On Tue, 22 Sep 2015 21:29:14 +0800
Boqun Feng <boqun.feng@gmail.com> wrote:

> On Tue, Sep 22, 2015 at 02:51:36PM +0200, Martin Schwidefsky wrote:
> > On Tue, 22 Sep 2015 20:23:26 +0800
> > Boqun Feng <boqun.feng@gmail.com> wrote:
> > 
> > > Hi Martin,
> > > 
> > > On Tue, Sep 22, 2015 at 12:27:35PM +0200, Martin Schwidefsky wrote:
> > > > On Mon, 21 Sep 2015 11:22:52 +0200
> > > > Martin Schwidefsky <schwidefsky@de.ibm.com> wrote:
> > > > 
> > > > > On Fri, 18 Sep 2015 14:41:20 -0700
> > > > > "Paul E. McKenney" <paulmck@linux.vnet.ibm.com> wrote:
> > > > > 
> > > > > > On Tue, Sep 15, 2015 at 10:09:41AM -0700, Paul E. McKenney wrote:
> > > > > > > On Tue, Sep 15, 2015 at 06:30:28PM +0200, Peter Zijlstra wrote:
> > > > > > > > On Tue, Sep 15, 2015 at 08:34:48AM -0700, Paul E. McKenney wrote:
> > > > > > > > > On Tue, Sep 15, 2015 at 04:14:39PM +0200, Peter Zijlstra wrote:
> > > > > > > > > > On Tue, Sep 15, 2015 at 07:09:22AM -0700, Paul E. McKenney wrote:
> > > > > > > > > > > On Tue, Sep 15, 2015 at 02:48:00PM +0200, Peter Zijlstra wrote:
> > > > > > > > > > > > On Tue, Sep 15, 2015 at 05:41:42AM -0700, Paul E. McKenney wrote:
> > > > > > > > > > > > > > Never mind, the PPC people will implement this with lwsync and that is
> > > > > > > > > > > > > > very much not transitive IIRC.

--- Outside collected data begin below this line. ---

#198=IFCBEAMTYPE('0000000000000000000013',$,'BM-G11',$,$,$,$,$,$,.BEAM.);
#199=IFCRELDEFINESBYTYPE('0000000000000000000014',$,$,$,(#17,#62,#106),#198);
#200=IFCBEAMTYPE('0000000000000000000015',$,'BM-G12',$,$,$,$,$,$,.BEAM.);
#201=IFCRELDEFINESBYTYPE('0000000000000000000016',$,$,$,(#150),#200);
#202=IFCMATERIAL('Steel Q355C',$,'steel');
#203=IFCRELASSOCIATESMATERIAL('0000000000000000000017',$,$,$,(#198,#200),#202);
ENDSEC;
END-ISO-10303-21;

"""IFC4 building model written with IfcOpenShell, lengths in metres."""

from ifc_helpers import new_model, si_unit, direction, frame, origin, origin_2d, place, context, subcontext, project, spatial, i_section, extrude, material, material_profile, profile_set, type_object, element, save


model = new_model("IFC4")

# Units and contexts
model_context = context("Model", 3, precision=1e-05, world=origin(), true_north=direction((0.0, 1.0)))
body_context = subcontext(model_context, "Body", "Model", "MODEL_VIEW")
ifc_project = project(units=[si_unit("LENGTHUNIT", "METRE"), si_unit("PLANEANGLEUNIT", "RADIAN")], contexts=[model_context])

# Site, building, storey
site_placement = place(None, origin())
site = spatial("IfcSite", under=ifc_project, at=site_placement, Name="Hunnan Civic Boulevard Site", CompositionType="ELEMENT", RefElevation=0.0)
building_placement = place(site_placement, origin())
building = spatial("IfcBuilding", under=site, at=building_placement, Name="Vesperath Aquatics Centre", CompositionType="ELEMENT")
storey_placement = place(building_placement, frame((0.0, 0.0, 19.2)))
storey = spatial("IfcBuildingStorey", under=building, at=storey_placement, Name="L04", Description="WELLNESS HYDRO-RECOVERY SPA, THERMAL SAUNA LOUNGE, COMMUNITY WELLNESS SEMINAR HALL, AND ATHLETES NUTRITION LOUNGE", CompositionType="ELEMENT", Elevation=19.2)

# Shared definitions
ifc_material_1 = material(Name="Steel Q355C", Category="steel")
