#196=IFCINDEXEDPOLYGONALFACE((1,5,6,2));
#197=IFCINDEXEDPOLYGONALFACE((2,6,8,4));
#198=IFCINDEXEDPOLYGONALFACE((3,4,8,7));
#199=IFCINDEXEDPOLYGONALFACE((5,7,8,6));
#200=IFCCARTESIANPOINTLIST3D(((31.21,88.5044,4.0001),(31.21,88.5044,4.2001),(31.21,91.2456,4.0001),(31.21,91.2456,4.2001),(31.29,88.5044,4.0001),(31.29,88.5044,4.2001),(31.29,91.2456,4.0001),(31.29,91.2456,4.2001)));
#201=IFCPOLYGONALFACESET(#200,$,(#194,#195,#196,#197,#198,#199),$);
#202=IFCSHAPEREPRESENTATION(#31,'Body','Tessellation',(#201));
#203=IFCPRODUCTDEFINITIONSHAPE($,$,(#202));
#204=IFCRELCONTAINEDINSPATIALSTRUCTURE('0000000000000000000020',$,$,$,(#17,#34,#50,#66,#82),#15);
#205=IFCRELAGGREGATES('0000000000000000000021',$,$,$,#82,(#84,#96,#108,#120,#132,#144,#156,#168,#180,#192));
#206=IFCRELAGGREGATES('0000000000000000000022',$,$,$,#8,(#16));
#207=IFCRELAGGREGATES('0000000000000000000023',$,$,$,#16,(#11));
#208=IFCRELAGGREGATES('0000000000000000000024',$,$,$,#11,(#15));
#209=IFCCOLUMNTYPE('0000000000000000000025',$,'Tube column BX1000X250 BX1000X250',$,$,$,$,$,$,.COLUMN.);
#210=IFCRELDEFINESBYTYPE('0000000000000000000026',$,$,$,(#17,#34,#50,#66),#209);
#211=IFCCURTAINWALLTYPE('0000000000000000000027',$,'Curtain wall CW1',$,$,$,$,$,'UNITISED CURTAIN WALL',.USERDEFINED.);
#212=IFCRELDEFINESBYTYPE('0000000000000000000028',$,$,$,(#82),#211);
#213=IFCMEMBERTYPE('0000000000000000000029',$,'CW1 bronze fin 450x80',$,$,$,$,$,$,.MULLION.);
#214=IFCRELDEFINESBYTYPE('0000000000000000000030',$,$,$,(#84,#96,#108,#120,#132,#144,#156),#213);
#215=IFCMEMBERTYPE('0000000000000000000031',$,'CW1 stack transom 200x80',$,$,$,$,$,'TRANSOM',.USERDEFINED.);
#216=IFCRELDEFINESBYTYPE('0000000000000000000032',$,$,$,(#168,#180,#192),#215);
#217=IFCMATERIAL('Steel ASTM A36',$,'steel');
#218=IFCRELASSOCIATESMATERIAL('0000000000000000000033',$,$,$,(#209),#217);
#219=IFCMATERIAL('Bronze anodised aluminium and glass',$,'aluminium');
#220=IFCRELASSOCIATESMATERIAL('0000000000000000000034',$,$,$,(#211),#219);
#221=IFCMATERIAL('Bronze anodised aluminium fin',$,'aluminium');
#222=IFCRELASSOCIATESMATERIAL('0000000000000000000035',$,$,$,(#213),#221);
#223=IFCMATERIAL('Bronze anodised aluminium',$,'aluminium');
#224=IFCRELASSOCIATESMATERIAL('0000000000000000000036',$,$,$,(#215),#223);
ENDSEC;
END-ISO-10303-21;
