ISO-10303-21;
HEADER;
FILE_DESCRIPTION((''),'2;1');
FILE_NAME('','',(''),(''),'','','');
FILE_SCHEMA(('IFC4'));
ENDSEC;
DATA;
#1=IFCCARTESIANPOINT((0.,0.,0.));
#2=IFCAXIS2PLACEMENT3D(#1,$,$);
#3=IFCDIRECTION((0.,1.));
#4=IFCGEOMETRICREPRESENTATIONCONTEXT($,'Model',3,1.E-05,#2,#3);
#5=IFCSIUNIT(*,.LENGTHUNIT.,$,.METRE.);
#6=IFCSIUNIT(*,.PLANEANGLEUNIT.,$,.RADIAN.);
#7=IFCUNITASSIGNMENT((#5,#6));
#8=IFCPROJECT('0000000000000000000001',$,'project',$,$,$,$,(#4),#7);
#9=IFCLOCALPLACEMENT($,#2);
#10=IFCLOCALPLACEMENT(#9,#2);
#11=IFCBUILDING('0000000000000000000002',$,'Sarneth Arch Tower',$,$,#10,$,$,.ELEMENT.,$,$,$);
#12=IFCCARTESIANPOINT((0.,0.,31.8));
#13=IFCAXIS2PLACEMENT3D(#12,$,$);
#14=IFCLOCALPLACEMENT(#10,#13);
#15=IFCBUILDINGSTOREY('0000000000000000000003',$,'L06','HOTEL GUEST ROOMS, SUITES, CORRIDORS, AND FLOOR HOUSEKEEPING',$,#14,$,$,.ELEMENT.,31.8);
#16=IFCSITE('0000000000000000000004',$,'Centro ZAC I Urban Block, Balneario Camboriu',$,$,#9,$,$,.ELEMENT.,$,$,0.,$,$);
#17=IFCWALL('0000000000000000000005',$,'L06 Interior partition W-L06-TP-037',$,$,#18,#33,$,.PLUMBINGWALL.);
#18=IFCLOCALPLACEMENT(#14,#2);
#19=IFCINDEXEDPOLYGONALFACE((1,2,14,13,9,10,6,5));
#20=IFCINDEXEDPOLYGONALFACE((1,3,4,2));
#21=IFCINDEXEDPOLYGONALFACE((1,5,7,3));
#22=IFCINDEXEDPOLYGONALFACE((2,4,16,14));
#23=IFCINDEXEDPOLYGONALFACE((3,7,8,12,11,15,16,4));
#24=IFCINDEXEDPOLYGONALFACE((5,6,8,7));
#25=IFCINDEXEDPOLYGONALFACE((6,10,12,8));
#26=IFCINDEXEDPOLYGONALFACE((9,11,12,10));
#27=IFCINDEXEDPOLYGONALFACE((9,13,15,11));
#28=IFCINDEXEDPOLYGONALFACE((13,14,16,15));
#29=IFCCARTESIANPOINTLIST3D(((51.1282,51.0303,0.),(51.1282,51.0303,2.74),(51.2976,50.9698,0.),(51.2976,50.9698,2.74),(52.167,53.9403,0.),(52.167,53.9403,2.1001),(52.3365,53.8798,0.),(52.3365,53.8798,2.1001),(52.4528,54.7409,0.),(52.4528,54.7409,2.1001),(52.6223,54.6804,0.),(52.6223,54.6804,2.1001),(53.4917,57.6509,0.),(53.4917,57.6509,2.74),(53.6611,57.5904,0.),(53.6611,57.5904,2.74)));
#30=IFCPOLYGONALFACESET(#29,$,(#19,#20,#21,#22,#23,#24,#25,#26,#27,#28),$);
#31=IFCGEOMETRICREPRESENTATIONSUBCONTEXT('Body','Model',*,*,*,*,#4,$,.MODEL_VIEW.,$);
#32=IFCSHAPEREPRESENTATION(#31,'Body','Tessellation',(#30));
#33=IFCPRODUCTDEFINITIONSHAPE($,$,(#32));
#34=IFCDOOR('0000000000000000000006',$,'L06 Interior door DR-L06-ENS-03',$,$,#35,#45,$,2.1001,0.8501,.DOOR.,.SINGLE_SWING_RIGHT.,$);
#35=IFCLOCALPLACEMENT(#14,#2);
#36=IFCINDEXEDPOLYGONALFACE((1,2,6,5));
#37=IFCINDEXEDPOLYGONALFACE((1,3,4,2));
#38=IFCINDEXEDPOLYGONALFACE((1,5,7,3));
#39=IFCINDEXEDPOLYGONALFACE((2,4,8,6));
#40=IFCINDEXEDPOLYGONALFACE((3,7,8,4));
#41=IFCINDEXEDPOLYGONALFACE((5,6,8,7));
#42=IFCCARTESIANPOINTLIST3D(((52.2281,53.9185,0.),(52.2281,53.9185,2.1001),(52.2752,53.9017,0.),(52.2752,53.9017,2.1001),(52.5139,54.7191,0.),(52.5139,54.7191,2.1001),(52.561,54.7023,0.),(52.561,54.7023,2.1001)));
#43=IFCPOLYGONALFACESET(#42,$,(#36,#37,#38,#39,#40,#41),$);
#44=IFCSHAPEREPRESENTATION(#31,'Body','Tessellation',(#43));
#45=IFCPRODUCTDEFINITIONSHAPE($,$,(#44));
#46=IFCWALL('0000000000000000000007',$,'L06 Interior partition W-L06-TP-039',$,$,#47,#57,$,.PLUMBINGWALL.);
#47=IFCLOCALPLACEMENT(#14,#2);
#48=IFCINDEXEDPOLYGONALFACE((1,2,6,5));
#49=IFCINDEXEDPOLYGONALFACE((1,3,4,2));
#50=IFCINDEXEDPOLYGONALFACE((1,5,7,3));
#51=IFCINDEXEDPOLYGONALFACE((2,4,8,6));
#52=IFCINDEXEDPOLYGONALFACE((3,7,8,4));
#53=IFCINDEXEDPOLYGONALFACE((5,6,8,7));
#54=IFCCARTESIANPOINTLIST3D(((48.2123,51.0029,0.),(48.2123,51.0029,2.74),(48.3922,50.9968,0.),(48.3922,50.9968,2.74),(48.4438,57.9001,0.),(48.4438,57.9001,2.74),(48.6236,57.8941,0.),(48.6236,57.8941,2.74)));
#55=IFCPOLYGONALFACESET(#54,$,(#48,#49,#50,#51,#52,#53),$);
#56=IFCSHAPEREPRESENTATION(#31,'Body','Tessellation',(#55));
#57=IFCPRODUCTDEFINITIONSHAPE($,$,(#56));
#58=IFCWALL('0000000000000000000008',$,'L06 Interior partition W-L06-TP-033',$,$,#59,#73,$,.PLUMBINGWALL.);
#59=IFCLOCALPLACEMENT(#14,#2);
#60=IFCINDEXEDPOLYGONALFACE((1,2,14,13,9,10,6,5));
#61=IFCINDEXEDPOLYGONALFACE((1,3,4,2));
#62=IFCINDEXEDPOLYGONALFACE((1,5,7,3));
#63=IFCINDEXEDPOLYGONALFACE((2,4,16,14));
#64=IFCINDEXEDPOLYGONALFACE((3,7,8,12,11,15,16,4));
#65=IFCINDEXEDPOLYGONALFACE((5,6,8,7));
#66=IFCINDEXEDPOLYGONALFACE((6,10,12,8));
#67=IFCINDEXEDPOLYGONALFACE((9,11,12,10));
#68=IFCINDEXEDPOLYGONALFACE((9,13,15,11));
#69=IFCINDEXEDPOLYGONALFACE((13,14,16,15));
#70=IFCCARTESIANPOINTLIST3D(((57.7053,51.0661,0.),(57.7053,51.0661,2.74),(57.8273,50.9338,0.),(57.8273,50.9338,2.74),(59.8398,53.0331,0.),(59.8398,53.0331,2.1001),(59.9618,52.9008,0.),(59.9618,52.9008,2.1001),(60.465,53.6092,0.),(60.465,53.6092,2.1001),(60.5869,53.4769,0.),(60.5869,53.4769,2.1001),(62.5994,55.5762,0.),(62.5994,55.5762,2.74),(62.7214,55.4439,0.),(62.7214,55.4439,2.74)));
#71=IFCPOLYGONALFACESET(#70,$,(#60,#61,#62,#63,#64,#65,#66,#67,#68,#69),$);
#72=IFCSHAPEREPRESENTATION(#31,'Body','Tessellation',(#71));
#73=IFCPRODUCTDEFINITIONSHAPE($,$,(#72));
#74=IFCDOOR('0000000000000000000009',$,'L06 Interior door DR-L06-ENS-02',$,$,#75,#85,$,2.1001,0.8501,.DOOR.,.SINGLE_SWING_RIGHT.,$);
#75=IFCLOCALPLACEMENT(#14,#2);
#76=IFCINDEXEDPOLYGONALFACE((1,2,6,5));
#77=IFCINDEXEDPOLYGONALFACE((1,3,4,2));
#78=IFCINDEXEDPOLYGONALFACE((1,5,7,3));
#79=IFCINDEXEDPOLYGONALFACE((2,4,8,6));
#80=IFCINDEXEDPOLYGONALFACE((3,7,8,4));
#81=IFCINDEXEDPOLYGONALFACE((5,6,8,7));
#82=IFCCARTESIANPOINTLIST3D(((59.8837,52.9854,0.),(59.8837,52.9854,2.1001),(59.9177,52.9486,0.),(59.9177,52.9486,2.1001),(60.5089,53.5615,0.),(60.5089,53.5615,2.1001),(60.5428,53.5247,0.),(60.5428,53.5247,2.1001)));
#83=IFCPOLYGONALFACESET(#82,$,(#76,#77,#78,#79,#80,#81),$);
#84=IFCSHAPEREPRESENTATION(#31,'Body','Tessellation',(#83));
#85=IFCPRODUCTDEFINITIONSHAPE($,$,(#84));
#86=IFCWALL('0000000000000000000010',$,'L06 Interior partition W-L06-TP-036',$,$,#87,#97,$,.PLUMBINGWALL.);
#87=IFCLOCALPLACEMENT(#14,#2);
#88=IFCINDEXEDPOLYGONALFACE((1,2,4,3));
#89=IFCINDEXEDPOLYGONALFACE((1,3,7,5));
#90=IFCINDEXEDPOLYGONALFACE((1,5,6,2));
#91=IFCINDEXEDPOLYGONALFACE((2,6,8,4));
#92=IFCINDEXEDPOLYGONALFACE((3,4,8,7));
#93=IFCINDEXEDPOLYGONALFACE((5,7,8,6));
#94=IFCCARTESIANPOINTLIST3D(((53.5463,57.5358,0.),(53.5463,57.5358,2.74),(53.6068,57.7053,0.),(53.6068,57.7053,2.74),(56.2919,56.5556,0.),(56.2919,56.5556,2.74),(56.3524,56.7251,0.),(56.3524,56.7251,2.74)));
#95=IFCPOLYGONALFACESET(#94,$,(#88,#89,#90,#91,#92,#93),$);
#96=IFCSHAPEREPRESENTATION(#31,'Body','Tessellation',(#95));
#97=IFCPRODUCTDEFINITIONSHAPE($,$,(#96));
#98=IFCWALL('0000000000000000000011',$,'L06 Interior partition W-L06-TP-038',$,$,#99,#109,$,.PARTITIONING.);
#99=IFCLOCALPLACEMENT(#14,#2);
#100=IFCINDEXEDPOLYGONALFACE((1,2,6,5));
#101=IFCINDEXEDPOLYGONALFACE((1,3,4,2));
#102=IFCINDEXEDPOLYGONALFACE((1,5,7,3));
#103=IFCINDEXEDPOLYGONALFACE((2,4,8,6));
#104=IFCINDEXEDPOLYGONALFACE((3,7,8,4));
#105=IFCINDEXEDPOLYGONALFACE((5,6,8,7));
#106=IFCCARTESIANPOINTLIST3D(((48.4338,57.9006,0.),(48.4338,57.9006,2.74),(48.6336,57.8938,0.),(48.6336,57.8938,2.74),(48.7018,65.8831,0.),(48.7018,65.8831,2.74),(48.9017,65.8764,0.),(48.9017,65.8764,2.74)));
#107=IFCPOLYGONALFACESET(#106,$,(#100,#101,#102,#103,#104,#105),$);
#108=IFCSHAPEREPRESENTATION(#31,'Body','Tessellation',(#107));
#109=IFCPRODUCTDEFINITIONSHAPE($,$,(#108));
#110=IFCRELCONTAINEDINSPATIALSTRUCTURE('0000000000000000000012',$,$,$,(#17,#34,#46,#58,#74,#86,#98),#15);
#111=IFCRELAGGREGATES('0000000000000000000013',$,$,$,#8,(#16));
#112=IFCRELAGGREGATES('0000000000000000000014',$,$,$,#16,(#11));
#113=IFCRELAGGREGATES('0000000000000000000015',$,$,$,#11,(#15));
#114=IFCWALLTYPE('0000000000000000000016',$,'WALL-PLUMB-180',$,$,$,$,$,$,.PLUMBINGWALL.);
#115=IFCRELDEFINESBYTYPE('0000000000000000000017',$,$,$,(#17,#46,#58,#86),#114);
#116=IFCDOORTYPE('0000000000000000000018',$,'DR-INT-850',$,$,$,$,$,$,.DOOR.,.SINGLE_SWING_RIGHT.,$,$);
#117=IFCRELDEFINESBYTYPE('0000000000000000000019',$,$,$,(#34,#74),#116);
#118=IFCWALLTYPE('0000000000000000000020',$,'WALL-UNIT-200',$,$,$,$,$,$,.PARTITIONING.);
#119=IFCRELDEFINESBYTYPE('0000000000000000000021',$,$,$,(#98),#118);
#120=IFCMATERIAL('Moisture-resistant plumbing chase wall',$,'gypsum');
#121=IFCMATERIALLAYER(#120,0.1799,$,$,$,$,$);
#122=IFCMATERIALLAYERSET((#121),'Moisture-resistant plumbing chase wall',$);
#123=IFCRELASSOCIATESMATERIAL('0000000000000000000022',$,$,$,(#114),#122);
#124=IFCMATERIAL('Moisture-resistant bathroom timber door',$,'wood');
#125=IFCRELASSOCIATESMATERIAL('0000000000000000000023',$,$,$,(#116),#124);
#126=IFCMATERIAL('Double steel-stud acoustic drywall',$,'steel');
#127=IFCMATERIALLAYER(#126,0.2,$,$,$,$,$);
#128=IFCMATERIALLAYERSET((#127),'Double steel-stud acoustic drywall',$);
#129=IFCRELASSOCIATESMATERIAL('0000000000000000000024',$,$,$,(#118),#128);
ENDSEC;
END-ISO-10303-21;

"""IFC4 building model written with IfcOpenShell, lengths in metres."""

from ifc_helpers import new_model, si_unit, direction, frame, frame_2d, origin, place, context, subcontext, project, spatial, rectangle, extrude, material, layer, layer_set, type_object, element, fill, save


model = new_model("IFC4")

# Units and contexts
model_context = context("Model", 3, precision=1e-05, world=origin(), true_north=direction((0.0, 1.0)))
body_context = subcontext(model_context, "Body", "Model", "MODEL_VIEW")
ifc_project = project(units=[si_unit("LENGTHUNIT", "METRE"), si_unit("PLANEANGLEUNIT", "RADIAN")], contexts=[model_context])

# Site, building, storey
site_placement = place(None, origin())
site = spatial("IfcSite", under=ifc_project, at=site_placement, Name="Centro ZAC I Urban Block, Balneario Camboriu", CompositionType="ELEMENT", RefElevation=0.0)
building_placement = place(site_placement, origin())
building = spatial("IfcBuilding", under=site, at=building_placement, Name="Sarneth Arch Tower", CompositionType="ELEMENT")
storey_placement = place(building_placement, frame((0.0, 0.0, 31.8)))
storey = spatial("IfcBuildingStorey", under=building, at=storey_placement, Name="L06", Description="HOTEL GUEST ROOMS, SUITES, CORRIDORS, AND FLOOR HOUSEKEEPING", CompositionType="ELEMENT", Elevation=31.8)

# Wall, opening, door
ifc_material_1 = material(Name="Moisture-resistant plumbing chase wall", Category="gypsum")
ifc_layer_1 = layer(ifc_material_1, 0.1799)
ifc_layer_set_1 = layer_set([ifc_layer_1], Name="Moisture-resistant plumbing chase wall")
wall_type_1 = type_object("IfcWallType", Name="WALL-PLUMB-180", PredefinedType="PLUMBINGWALL", material=ifc_layer_set_1)
wall_1_placement = place(storey_placement, frame((53.5764, 57.6206, 0.0), z_axis=(0.0, 0.0, 1.0), x_axis=(-0.336213, -0.941786, 0.0)))
wall_1 = element("IfcWall", 1, at=wall_1_placement, inside=storey, type_object=wall_type_1, Name="L06 Interior partition W-L06-TP-037", PredefinedType="PLUMBINGWALL", context=body_context, shape_type="SweptSolid", body=[
    extrude(rectangle(XDim=7.0298, YDim=0.1799, at=frame_2d((3.5149, 0.0))), origin(), (0.0, 0.0, 1.0), 2.74),
])
opening_1_placement = place(wall_1_placement, frame((3.0898, 0.0, 0.0)))
opening_1 = element("IfcOpeningElement", 2, at=opening_1_placement, cuts=wall_1, PredefinedType="OPENING", context=body_context, shape_type="SweptSolid", body=[
    extrude(rectangle(XDim=0.8501, YDim=2.1001, at=frame_2d((0.425, 1.05))), frame((0.0, 0.0999, 0.0), z_axis=(0.0, -1.0, 0.0), x_axis=(1.0, 0.0, 0.0)), (0.0, 0.0, 1.0), 0.2),
])
ifc_material_2 = material(Name="Moisture-resistant bathroom timber door", Category="wood")
door_type_1 = type_object("IfcDoorType", Name="DR-INT-850", OperationType="SINGLE_SWING_RIGHT", PredefinedType="DOOR", material=ifc_material_2)
door_1_placement = place(opening_1_placement, origin())
door_1 = element("IfcDoor", 3, at=door_1_placement, inside=storey, type_object=door_type_1, Name="L06 Interior door DR-L06-ENS-03", OperationType="SINGLE_SWING_RIGHT", OverallHeight=2.1001, OverallWidth=0.8501, PredefinedType="DOOR", context=body_context, shape_type="SweptSolid", body=[
    extrude(rectangle(XDim=0.8501, YDim=2.1001, at=frame_2d((0.425, 1.05))), frame((0.0, 0.0249, 0.0), z_axis=(0.0, -1.0, 0.0), x_axis=(1.0, 0.0, 0.0)), (0.0, 0.0, 1.0), 0.05),
])
fill(opening_1, door_1)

> > > > > > > > > > > > > 
> > > > > > > > > > > > > I am probably lost on context, but...
> > > > > > > > > > > > > 
> > > > > > > > > > > > > It turns out that lwsync is transitive in special cases.  One of them
> > > > > > > > > > > > > is a series of release-acquire pairs, which can extend indefinitely.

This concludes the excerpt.